Net interest revenue was down 40.8% for the quarter and 42.6% for the
year.  The decline was due to a parent company decision to fund
equipment leases with short-term, variable rate liabilities to offset
a consolidated positive interest rate gap for the Corporation.  Management
is developing a method of internal hedging.  The objective will be to 
eliminate the need for the equipment leasing line of business to assume
interest rate risk.  Please see the section on interest rate sensitivity
for further discussion.

      Lease volume of $6.2 million in the second quarter was flat with
volume in the second quarter of 1994.  Year to date, volume totaled
$12.6 million, up 1.6% from a year earlier.  Other expenses were up
13.2% for the quarter to $1.0 million.  For the year, they increased
9.4% to $2.0 million.

HOME EQUITY LENDING

      The Corporation's home equity lending business was begun in 1994
with the incorporation of Irwin Home Equity Corporation.  It has a
single production and servicing office located in San Ramon,
California.  In 1995, the business began marketing home equity
variable rate lines of credit in 13 states by means of direct mail and
telemarketing.

      The home equity lending business recorded pre-tax losses of $1.5
million  during its second quarter of operations and $2.5 million year
to date.  Total loan originations for the year were $22.6 million.
Results were in line with management's expectations for this start-up
business.

PARENT COMPANY (INCLUDING CONSOLIDATING ENTRIES)
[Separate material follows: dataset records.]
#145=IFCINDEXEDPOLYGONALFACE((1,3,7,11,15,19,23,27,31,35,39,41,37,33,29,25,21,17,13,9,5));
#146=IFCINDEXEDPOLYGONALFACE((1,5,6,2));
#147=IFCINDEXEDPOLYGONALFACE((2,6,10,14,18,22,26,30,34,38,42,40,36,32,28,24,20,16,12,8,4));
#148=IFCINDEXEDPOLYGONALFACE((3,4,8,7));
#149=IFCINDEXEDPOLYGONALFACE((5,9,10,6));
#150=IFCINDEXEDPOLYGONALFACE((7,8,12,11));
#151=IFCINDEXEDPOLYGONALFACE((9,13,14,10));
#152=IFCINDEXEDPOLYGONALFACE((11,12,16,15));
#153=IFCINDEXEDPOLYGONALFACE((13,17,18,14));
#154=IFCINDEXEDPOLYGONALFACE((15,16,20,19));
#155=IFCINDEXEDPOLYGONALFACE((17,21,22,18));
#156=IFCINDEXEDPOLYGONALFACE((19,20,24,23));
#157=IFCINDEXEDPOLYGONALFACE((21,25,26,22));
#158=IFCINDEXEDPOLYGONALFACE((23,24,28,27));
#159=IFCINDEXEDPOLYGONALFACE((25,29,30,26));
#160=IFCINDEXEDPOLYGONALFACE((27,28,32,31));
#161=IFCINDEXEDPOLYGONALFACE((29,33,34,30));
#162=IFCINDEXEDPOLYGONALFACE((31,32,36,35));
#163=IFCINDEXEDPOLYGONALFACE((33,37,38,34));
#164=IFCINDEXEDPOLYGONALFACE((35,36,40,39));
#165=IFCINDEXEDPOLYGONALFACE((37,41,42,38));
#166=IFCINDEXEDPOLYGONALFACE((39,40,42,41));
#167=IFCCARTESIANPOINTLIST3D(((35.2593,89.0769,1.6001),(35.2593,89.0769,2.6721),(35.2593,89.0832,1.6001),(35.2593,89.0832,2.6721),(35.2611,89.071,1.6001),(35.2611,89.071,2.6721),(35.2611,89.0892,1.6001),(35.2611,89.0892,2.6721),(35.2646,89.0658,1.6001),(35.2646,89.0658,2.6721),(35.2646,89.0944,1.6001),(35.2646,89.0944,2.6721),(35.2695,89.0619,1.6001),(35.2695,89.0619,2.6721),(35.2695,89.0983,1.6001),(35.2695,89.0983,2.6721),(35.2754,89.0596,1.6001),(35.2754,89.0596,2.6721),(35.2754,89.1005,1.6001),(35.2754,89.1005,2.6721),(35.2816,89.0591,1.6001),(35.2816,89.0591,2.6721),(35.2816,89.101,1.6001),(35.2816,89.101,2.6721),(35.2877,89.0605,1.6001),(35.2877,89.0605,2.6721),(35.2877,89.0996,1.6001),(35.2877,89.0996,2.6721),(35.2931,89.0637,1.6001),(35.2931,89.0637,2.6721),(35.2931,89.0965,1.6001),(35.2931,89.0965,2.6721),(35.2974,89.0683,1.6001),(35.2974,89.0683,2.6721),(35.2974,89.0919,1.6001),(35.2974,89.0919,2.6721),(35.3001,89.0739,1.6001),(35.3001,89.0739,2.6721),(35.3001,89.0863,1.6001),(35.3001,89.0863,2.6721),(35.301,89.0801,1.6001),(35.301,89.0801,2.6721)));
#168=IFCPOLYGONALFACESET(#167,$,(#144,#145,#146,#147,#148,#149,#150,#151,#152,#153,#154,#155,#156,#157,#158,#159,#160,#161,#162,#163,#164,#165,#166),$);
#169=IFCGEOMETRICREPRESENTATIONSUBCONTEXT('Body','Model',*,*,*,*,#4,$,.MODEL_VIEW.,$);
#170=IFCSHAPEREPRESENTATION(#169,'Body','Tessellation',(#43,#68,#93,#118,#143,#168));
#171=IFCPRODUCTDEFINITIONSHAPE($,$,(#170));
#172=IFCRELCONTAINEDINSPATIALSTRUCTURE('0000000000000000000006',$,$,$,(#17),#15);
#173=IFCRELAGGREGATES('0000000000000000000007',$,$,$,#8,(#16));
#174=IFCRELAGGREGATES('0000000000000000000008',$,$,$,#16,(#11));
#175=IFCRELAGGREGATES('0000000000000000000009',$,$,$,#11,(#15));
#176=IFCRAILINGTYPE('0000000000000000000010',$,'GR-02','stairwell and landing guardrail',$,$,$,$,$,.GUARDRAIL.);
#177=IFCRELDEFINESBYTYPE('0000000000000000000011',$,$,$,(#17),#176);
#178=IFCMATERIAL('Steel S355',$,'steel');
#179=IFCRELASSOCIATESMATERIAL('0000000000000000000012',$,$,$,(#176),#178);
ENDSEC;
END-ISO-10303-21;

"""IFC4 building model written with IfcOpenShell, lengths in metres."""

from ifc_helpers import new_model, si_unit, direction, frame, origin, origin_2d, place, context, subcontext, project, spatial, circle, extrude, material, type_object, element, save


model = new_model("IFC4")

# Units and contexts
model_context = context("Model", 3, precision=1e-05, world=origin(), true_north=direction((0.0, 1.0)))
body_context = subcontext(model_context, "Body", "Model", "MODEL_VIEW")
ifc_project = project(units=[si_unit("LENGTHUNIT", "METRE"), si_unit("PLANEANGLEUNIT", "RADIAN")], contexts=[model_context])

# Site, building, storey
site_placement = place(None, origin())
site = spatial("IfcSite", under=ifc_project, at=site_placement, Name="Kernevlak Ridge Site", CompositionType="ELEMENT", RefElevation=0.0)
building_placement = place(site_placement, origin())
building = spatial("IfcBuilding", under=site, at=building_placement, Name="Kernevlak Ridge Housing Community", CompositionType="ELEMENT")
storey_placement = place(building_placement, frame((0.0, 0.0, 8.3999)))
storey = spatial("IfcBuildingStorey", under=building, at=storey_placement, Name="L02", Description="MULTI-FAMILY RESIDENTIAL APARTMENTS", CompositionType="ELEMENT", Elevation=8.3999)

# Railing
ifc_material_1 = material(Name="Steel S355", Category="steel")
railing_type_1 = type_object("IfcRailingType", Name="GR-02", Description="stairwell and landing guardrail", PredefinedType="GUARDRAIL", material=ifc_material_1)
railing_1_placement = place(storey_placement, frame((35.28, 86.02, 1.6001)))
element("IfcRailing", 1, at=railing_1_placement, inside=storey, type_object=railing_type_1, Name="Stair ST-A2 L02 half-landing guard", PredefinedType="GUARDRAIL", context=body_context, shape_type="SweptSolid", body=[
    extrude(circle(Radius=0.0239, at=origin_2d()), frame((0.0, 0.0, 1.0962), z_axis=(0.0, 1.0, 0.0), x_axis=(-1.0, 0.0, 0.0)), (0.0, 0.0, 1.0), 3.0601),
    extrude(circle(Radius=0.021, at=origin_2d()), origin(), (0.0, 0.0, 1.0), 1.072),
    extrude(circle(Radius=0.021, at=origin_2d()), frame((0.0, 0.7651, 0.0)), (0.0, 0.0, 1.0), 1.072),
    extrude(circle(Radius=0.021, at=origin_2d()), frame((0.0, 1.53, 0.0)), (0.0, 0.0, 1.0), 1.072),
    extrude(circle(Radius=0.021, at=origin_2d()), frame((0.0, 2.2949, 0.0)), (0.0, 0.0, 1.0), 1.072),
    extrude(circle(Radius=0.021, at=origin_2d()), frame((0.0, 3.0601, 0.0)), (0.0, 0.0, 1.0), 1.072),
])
      Parent Company net income for the second quarter of 1995 was
$1,053,408 compared to a loss of $327,098 in 1994. Year to date, net
income of $1,052,069 was

XXX PAGE 16 XXX

recorded, compared to a loss of $536,625 a year earlier.  The
improvement is due to the income tax credits generated at the home
equity lending business which are recorded on the parent's books,
combined with a tax benefit recorded by the parent resulting from
stock options exercised during the second quarter.  The exercise of
these options resulted in a deduction for income tax purposes,
although an expense is not recorded on the books of the Corporation.
Approximately $680.0 thousand of income was recorded by the parent for
this tax benefit.

CONSOLIDATED INCOME STATEMENT ANALYSIS

     Net interest income for the second quarter of 1995 totaled $8.4
million, up 2.7% from the second quarter of 1994.  For the year, it
increased 0.3% to $15.8 million.  The effect of increases in the
community banking and home equity loan and lease portfolios were
partially offset by a combination of a decline in mortgage loan
originations in the mortgage banking business and increased pricing
competition in the equipment leasing business.

     The loan and lease loss provision was $580.0 thousand for the
second quarter of 1995, as compared to $235.0 thousand for the same
period in 1994.  For the year, it totaled $1.2 million, up from $560.0
thousand a year earlier.  This increase reflects the growth in the
home equity and community bank loans outstanding.

     Other income was up 12.2% in the second quarter of 1995 to $25.2
million.  Year to date other income increased 11.5% to $50.2 million.
This increase was driven primarily by mortgage banking activities.
Total fees from mortgage loan and servicing originations, servicing,
and the sale of servicing were $22.4 million for the second quarter,
up $2.1 million from the second quarter of 1994.  For the year, they
totaled $44.6 million, an increase of $3.8 million over 1994.

      Other expense also increased in 1995 as the second quarter was
up $3.8 million or 16.0% from 1994.  For the year, other expense
increased $4.7 million or 10.1%  Costs associated with the start-up of
the home equity lending business and the opening of new mortgage
banking offices accounted for this increase.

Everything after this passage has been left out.